Northern Ireland paramilitaries coercing young people into crime

Young people were being ordered to take part in rioting during unrest in 2021, the Children’s Commissioner said.

PARAMILITARY GROUPS IN Northern Ireland are subjecting young people to coercion, threats and sexual exploitation, a UK House of Commons committee has heard.

The region’s Children’s Commissioner Koulla Yiasouma described both loyalist and dissident republican paramilitaries using young people “to do their dirty work”, such as drug dealing and civil disobedience.

Giving evidence to the Northern Ireland Affairs Committee on the effect of paramilitaries on society, Yiasouma criticised efforts by the UK government to address the issue as not joined up, and said police have work to do to gain confidence among some young people from deprived backgrounds.

She also said the current collapse of the Stormont government is not helpful, and while some faith-based groups do good work, she said she felt church leaders have not spoken out enough.

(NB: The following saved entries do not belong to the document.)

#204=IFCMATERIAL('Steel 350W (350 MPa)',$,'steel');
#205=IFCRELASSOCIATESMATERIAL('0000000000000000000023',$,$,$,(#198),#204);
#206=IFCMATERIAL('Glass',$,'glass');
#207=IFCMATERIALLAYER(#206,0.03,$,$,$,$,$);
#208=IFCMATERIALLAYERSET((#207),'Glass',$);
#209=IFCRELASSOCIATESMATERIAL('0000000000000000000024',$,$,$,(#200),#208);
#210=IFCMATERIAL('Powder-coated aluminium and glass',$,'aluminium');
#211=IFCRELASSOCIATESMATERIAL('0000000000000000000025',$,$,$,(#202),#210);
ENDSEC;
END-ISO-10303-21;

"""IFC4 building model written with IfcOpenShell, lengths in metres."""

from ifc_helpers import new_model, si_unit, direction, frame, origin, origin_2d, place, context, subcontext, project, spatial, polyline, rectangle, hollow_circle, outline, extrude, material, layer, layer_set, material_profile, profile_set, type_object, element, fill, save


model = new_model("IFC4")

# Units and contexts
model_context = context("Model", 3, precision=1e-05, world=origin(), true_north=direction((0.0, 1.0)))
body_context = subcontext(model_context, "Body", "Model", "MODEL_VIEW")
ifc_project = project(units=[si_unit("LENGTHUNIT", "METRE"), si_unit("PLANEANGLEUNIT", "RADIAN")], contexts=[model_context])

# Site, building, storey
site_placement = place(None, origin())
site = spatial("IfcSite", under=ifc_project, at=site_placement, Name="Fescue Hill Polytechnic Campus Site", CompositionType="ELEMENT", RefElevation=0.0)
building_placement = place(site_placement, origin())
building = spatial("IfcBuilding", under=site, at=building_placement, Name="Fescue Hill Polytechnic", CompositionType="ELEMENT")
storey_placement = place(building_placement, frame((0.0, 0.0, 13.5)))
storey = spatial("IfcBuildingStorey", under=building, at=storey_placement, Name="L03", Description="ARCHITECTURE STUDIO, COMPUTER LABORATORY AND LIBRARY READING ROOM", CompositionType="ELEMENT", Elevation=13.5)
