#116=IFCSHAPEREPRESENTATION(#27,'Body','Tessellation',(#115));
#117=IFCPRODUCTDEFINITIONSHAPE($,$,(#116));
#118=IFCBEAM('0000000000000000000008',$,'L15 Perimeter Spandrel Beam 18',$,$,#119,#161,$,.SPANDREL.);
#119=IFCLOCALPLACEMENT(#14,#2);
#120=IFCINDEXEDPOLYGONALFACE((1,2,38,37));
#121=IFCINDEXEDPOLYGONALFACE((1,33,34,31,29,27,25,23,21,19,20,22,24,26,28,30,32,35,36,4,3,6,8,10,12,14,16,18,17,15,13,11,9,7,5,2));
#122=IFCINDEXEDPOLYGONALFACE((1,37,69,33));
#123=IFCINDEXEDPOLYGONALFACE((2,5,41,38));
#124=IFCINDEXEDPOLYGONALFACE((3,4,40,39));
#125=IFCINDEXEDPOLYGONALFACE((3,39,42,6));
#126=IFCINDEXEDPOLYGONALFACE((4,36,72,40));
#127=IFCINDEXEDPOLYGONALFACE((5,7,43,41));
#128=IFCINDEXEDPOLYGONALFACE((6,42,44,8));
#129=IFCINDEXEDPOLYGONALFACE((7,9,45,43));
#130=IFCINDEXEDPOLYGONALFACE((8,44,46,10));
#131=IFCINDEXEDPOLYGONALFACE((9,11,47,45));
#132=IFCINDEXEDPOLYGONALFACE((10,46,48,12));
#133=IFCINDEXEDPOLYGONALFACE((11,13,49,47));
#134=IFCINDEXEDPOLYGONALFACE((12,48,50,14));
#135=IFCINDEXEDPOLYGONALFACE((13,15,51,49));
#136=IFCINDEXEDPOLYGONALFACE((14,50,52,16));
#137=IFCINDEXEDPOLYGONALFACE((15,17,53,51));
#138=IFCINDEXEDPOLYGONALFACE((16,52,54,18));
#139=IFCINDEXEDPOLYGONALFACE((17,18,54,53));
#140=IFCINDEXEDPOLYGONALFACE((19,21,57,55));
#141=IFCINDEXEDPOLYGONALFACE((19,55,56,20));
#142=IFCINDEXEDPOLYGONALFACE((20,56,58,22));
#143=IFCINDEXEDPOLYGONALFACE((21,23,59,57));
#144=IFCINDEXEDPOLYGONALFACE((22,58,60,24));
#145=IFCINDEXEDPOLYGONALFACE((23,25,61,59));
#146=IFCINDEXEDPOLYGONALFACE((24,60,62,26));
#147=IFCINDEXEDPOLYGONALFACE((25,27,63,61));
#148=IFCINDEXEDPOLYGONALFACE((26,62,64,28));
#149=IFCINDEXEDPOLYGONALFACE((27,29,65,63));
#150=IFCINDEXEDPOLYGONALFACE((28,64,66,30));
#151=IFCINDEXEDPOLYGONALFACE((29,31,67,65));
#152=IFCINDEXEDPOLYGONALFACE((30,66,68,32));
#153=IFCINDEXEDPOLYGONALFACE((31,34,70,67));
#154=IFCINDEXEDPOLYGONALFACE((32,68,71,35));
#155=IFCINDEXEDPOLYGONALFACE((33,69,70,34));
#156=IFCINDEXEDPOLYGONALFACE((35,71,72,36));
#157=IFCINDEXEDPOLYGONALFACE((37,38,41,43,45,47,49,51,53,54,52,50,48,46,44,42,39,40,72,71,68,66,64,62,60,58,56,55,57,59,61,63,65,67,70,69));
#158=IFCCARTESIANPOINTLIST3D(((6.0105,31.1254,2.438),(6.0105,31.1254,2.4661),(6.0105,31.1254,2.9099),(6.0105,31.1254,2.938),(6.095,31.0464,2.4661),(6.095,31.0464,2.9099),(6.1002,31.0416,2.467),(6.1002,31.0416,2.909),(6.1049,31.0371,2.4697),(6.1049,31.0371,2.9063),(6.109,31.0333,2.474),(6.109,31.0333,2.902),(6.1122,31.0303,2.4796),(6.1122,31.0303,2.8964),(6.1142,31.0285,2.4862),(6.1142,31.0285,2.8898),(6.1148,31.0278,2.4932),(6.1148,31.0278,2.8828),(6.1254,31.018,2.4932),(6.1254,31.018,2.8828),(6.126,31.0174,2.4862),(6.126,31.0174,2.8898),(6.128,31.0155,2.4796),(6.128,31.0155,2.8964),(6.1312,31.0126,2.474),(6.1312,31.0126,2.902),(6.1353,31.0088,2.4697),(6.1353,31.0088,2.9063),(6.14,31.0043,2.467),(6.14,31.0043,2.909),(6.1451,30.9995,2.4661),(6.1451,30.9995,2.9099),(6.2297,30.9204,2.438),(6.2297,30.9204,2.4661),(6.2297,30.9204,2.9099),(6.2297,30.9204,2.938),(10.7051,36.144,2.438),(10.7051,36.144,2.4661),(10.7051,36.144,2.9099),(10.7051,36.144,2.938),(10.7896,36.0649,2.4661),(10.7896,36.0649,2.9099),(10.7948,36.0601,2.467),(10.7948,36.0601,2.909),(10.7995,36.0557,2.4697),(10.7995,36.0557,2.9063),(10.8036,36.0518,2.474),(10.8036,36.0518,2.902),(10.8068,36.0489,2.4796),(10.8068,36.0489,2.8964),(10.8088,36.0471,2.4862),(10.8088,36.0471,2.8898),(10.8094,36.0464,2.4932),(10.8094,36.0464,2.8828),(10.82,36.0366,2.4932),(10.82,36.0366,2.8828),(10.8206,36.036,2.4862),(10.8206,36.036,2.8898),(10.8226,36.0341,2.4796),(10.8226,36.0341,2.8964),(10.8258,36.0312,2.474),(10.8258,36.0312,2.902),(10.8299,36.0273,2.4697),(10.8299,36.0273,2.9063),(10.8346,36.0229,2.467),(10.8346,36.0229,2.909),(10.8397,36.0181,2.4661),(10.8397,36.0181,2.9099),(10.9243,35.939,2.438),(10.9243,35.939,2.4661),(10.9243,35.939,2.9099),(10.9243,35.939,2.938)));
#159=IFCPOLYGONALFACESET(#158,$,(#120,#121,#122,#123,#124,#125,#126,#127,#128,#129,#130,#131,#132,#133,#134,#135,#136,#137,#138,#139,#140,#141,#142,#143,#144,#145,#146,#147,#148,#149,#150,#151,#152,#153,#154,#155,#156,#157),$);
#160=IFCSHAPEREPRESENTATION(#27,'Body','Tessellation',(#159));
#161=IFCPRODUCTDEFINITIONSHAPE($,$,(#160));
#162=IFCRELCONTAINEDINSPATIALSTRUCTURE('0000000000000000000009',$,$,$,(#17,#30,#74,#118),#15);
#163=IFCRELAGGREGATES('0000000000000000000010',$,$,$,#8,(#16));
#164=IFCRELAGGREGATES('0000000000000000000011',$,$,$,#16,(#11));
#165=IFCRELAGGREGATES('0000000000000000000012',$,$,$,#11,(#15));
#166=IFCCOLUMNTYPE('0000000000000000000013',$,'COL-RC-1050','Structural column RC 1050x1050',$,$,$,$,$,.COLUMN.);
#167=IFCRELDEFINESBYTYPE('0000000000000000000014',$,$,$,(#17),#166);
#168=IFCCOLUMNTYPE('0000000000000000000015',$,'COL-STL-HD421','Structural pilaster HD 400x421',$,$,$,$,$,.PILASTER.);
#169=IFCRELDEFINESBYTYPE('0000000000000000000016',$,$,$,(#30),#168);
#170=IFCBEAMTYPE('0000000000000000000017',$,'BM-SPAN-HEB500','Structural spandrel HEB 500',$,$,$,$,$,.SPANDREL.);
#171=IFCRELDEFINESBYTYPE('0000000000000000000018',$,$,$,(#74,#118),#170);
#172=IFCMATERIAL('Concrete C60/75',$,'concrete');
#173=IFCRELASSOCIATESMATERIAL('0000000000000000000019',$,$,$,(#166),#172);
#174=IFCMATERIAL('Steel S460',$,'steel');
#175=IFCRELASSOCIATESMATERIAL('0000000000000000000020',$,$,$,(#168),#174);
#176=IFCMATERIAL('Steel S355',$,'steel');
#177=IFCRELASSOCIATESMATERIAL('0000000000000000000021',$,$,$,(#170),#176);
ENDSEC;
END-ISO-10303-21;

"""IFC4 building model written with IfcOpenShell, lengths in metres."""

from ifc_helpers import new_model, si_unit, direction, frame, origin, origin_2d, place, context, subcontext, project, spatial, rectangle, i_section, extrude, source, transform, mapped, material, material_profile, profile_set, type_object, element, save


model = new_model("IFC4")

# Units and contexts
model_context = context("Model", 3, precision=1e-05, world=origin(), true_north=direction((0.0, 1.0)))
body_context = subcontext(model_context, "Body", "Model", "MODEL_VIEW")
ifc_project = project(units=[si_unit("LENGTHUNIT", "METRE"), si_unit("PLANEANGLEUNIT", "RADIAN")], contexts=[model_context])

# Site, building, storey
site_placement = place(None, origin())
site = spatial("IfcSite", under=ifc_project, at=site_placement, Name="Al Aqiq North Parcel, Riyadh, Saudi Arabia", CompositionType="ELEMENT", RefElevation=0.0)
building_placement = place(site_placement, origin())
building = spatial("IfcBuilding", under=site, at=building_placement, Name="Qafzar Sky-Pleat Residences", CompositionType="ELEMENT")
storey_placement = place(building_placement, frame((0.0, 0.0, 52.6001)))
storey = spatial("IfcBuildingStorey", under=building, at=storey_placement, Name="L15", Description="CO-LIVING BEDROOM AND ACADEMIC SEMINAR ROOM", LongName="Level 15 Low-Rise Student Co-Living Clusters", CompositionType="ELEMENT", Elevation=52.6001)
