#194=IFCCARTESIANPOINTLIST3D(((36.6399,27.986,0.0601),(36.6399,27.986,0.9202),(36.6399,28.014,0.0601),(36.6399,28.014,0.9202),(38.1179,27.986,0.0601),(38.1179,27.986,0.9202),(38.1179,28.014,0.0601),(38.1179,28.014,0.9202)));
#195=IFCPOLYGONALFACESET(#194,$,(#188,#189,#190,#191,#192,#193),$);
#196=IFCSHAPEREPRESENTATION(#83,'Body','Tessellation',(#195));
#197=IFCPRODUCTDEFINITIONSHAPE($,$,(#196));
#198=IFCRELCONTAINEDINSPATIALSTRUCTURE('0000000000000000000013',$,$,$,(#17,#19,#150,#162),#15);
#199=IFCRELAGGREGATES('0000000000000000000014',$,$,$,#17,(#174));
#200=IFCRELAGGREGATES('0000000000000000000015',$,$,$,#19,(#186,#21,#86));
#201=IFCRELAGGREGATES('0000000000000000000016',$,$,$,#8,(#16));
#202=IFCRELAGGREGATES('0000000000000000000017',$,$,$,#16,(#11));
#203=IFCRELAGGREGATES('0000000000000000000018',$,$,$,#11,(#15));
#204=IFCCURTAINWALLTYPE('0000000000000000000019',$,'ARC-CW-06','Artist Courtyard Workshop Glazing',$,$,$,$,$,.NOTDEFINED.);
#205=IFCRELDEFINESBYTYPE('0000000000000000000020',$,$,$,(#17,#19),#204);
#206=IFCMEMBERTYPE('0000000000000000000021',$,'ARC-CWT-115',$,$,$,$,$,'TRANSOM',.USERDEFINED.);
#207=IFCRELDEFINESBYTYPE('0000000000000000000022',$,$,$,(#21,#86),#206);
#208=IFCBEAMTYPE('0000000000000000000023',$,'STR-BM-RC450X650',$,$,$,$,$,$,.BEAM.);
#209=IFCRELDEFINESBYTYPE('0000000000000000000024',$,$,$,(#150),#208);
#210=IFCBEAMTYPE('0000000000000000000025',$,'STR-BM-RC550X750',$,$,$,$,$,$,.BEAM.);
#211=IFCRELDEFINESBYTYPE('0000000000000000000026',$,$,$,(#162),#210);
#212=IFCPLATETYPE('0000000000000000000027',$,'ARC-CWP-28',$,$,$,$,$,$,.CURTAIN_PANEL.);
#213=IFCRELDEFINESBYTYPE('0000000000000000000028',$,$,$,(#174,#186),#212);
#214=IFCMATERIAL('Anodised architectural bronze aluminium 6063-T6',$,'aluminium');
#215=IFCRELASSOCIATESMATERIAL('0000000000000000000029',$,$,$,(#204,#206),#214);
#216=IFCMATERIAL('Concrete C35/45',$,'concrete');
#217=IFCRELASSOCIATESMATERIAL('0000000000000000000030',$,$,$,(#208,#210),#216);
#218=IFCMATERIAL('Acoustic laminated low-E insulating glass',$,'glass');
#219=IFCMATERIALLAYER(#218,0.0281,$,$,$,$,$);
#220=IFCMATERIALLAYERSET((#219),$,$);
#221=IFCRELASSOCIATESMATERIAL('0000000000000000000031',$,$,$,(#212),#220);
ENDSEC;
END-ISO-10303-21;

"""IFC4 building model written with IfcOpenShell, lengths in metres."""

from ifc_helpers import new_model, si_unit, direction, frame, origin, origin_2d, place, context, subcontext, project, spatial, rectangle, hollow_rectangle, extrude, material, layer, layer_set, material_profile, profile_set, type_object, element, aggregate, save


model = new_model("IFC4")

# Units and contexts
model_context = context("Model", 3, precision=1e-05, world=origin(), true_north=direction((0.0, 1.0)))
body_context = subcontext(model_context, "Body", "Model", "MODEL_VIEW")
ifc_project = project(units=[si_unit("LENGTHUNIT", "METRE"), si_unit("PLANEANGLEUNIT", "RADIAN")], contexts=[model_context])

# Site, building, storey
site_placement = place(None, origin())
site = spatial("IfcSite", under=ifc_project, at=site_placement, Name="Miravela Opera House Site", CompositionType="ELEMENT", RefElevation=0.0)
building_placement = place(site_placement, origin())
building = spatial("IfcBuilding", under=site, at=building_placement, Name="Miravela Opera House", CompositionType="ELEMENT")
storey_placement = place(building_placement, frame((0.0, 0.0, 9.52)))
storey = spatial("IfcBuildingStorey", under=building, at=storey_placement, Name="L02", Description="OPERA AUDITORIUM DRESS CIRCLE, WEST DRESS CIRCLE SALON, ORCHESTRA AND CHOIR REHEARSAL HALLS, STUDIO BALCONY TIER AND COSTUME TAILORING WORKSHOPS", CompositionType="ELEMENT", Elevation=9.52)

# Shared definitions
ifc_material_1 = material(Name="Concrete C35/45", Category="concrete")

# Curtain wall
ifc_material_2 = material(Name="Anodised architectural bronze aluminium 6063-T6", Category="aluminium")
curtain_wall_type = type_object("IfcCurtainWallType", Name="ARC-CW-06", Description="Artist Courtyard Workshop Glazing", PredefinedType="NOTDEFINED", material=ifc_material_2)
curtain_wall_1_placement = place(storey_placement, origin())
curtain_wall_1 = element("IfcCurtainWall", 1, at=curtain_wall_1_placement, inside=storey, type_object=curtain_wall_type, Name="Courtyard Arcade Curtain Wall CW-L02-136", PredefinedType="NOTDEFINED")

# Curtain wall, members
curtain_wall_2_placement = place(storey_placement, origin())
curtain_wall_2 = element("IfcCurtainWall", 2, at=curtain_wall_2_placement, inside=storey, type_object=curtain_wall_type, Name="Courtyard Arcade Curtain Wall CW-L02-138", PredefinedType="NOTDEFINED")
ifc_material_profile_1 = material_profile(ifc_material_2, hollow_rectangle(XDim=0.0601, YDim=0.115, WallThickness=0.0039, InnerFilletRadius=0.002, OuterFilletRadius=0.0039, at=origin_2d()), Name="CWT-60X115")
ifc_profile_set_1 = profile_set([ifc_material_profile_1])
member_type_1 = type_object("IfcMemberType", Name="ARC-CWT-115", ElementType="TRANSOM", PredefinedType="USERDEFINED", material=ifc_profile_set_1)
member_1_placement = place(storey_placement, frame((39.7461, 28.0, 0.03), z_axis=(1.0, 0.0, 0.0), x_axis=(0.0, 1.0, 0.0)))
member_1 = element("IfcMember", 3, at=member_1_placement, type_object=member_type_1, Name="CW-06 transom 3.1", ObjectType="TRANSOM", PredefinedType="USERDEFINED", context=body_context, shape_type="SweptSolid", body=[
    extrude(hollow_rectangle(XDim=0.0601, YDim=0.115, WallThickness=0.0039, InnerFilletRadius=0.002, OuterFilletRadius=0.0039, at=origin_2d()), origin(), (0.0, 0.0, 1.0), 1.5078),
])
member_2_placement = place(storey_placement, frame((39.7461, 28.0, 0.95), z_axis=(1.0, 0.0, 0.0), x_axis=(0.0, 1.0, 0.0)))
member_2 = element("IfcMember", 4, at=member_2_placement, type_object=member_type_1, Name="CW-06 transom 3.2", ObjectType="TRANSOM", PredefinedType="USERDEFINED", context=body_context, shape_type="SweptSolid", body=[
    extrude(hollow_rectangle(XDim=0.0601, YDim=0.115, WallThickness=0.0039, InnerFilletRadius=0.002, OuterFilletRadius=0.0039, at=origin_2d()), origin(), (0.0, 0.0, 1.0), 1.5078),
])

However, she stressed that the overarching factor of poverty and inequalities in the education system must be addressed to protect young people.

Yiasouma described “peaks and troughs” of paramilitary influence, with a spike in April 2021 during disorder in the loyalist communities where young people were being ordered to take part in rioting.

Asked why young people get involved, Yiasouma suggested for survival.

“They do it because they need to do it to survive in their community and that’s a really important point to make, and with a threat or a fear of significant repercussions if they didn’t acquiesce,” she told MPs.

“If you don’t see the police as a legitimate force, and I believe the police in Northern Ireland are the only local law enforcement agency that we have and we should have, but if you live in a community that doesn’t trust that the police will keep them safe, what is your alternative? You have no alternative so you have to do what you have to do to keep yourself safe.

“Government is not working together around what are ultimately the same group of young people who are working with social services, who are having additional education programmes, who are in our criminal justice system.

“I’m not convinced that government funding to vulnerable young people is being spent as wisely and as efficiently as it should.”

Yaisouma said there are “pockets of good practice” in terms of police engagement with young people on the ground.

But she said she has told the Police Service of Northern Ireland (PSNI) that they “need to be much better at supporting your local officers on the ground in how they engage with young people”.

“Young people in these communities seeing the PSNI as the agency there to protect them needs to be built on because at the moment they don’t,” she said.

“So when they’re being approached and coerced by these groups, they look up and there’s no one there that can stop that happening for them, and that’s the problem.”

Yiasouma also urged that how paramilitary groups are referred to changes.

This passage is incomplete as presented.